Parte 1. La NATO alle frontiere della Moldova. E poi?
La decisione assunta al vertice di Praga sull’allargamento della NATO può essere definita l’avvenimento politico più significativo dell’anno, in grado di influenzare radicalmente la situazione geopolitica in Europa. Ancora un anno e mezzo fa sembrava difficile stabilire se una simile espansione della NATO sarebbe stata possibile. Dopo la “prima ondata”, che ha portato nella NATO solo tre ex nemici del Patto di Varsavia, si erano diffuse insistenti voci che affermavano che una “seconda ondata” non ci sarebbe più stata.
In un non lontano passato sembrava impossibile un ulteriore allargamento della NATO, la collaborazione della Russia con l’Alleanza nord atlantica e la partecipazione del presidente Voronin a un vertice NATO. Ma i tragici avvenimenti dell’11 settembre 2001 hanno cambiato il mondo. La lotta congiunta contro la minaccia del terrorismo internazionale hanno avvicinato le posizioni degli USA e della Russia, e quest’ultima è sembrata rapportarsi meno criticamente con l’allargamento della NATO e ha avviato con il blocco una collaborazione nell’ambito di un programma speciale.
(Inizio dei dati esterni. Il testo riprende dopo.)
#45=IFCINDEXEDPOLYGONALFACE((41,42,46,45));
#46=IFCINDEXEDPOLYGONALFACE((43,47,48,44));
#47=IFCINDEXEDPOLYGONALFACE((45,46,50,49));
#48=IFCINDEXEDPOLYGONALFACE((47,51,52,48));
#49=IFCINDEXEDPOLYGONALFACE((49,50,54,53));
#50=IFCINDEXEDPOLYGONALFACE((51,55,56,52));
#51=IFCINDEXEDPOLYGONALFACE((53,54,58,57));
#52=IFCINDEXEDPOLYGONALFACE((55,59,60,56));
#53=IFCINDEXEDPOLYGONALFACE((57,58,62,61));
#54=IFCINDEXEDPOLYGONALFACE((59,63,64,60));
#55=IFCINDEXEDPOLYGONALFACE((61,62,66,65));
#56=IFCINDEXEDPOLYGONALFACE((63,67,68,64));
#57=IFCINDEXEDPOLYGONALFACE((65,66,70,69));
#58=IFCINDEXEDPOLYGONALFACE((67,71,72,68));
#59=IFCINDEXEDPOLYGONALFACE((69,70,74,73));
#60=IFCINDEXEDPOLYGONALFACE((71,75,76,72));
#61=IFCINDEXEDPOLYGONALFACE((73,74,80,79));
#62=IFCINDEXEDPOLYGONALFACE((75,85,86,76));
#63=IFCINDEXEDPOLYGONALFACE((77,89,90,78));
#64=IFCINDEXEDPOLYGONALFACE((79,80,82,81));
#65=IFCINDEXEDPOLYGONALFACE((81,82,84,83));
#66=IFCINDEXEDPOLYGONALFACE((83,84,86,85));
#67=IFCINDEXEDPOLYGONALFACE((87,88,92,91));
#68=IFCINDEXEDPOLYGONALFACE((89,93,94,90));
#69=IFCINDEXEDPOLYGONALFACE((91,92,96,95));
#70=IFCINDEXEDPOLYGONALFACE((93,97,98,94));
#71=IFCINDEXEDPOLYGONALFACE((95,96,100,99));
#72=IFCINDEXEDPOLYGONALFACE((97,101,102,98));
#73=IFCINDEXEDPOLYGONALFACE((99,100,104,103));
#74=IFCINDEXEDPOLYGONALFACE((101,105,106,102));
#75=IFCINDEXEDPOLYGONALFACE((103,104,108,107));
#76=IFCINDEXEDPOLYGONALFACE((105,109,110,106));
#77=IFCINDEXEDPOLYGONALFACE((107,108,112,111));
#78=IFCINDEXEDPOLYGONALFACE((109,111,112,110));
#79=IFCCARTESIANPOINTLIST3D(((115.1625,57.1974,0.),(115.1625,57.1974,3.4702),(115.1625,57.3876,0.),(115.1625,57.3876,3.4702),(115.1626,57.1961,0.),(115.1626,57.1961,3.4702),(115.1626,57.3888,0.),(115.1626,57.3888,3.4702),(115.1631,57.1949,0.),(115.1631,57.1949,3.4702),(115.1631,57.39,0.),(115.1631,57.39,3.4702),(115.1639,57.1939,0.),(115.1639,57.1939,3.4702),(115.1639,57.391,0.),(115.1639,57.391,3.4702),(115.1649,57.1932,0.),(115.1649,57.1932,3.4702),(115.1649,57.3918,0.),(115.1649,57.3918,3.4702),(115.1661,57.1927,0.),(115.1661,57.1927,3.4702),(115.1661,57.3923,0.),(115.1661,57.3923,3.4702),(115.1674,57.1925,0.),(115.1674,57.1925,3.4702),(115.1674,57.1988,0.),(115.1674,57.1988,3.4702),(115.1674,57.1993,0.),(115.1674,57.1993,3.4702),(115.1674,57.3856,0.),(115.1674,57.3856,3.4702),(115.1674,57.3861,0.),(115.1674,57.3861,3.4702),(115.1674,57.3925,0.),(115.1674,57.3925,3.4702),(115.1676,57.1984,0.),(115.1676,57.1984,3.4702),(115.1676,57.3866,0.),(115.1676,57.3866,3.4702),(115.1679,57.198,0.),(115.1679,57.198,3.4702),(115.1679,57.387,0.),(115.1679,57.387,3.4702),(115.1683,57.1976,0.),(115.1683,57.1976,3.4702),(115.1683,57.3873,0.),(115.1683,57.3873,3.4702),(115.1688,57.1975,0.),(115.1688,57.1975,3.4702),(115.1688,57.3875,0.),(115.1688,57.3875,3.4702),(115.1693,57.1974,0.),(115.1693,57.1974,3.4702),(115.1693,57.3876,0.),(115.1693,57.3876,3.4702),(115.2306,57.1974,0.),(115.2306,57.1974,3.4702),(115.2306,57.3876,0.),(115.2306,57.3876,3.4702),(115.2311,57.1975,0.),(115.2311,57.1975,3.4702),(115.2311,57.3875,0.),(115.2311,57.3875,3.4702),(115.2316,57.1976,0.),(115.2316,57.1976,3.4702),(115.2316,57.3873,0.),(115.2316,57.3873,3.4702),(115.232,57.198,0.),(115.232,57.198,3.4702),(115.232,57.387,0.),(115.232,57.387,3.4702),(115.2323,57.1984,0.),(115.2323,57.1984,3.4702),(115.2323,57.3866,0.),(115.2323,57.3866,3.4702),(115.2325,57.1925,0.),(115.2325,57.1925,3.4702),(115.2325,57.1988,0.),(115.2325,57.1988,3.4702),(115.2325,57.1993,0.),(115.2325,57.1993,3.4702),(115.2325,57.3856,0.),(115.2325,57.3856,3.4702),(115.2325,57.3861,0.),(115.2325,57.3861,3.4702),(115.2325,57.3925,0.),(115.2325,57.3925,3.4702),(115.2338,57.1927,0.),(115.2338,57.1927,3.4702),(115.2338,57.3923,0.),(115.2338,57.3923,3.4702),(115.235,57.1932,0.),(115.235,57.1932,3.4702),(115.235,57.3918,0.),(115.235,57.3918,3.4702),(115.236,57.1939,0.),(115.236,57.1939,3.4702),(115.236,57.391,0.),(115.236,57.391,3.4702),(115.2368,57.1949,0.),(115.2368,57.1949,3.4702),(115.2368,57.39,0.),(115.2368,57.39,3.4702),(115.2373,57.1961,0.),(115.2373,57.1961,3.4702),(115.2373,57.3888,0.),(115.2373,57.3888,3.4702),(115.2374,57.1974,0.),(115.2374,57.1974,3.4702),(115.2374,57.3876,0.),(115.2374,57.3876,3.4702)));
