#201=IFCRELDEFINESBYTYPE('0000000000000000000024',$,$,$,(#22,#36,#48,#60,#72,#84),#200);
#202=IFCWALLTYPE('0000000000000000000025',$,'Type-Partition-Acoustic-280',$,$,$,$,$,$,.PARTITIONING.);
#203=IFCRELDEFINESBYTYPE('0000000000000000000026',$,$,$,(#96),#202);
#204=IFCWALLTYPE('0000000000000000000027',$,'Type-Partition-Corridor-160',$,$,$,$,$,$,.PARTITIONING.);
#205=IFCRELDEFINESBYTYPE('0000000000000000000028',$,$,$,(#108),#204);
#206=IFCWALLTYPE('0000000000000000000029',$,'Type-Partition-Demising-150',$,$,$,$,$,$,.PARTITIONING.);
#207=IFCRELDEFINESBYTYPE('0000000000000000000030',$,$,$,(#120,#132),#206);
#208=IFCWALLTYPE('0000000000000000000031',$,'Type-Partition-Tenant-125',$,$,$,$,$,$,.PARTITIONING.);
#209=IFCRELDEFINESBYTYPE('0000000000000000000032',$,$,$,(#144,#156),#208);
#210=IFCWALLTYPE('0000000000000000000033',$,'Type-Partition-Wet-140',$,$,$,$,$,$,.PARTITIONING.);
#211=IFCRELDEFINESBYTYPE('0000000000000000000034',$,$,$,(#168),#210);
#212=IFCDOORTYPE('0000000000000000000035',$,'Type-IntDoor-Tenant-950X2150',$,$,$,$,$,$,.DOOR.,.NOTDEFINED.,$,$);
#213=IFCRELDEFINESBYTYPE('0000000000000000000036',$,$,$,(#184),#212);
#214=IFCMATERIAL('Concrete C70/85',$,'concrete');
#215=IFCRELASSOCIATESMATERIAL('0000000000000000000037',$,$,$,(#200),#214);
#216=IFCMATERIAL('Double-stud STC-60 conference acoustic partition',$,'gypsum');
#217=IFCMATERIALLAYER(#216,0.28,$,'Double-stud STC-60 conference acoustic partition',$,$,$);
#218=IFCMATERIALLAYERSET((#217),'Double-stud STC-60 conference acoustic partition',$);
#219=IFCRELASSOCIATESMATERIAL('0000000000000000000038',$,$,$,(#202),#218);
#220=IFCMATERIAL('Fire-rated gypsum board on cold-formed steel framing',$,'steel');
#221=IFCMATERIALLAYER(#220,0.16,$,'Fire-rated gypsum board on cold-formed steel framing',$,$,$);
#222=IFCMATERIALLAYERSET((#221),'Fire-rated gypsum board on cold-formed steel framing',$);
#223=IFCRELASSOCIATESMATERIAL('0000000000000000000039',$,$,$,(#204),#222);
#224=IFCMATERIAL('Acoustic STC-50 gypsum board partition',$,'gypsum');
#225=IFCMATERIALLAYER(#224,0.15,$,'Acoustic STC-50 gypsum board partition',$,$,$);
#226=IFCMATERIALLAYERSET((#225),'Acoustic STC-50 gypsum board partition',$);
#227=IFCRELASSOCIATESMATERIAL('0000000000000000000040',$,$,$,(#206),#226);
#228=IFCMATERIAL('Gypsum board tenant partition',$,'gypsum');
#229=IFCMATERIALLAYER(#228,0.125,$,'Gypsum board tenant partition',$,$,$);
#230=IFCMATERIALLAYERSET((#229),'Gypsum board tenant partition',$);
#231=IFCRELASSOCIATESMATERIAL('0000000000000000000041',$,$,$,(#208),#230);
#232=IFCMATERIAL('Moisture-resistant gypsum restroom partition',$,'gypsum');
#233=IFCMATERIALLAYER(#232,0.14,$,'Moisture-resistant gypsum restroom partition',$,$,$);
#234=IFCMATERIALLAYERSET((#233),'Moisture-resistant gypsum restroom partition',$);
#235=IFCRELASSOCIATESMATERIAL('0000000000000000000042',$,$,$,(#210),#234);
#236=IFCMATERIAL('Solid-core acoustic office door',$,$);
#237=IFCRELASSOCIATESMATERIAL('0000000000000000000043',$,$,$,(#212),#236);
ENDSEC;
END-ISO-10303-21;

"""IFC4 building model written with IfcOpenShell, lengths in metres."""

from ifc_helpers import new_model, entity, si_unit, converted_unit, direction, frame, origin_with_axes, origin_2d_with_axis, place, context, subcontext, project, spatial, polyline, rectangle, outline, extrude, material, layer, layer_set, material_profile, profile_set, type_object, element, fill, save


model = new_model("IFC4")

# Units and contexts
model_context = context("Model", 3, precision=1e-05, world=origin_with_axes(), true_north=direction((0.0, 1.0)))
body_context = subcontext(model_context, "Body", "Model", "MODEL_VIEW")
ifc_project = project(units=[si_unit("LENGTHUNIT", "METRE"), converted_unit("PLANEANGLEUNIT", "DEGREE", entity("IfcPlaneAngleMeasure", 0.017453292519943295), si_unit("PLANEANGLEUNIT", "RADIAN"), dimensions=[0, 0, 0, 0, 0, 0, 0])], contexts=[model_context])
Tutto ciò ha dato la possibilità a sette paesi che aspiravano ad entrare nella NATO (tra cui tre ex repubbliche sovietiche), di formare la “seconda ondata” dell’allargamento del blocco. E’ evidente che per loro è stato un consapevole “passo più lungo della gamba”. Secondo molti parametri essi non corrispondono agli standard della NATO e passerà molto tempo prima che possano costruire proprie forze armate, assolvere ai criteri di formazione del bilancio, di finanziamento dei programmi militari, ecc. Ma il più è stato fatto: la decisione politica è stata presa.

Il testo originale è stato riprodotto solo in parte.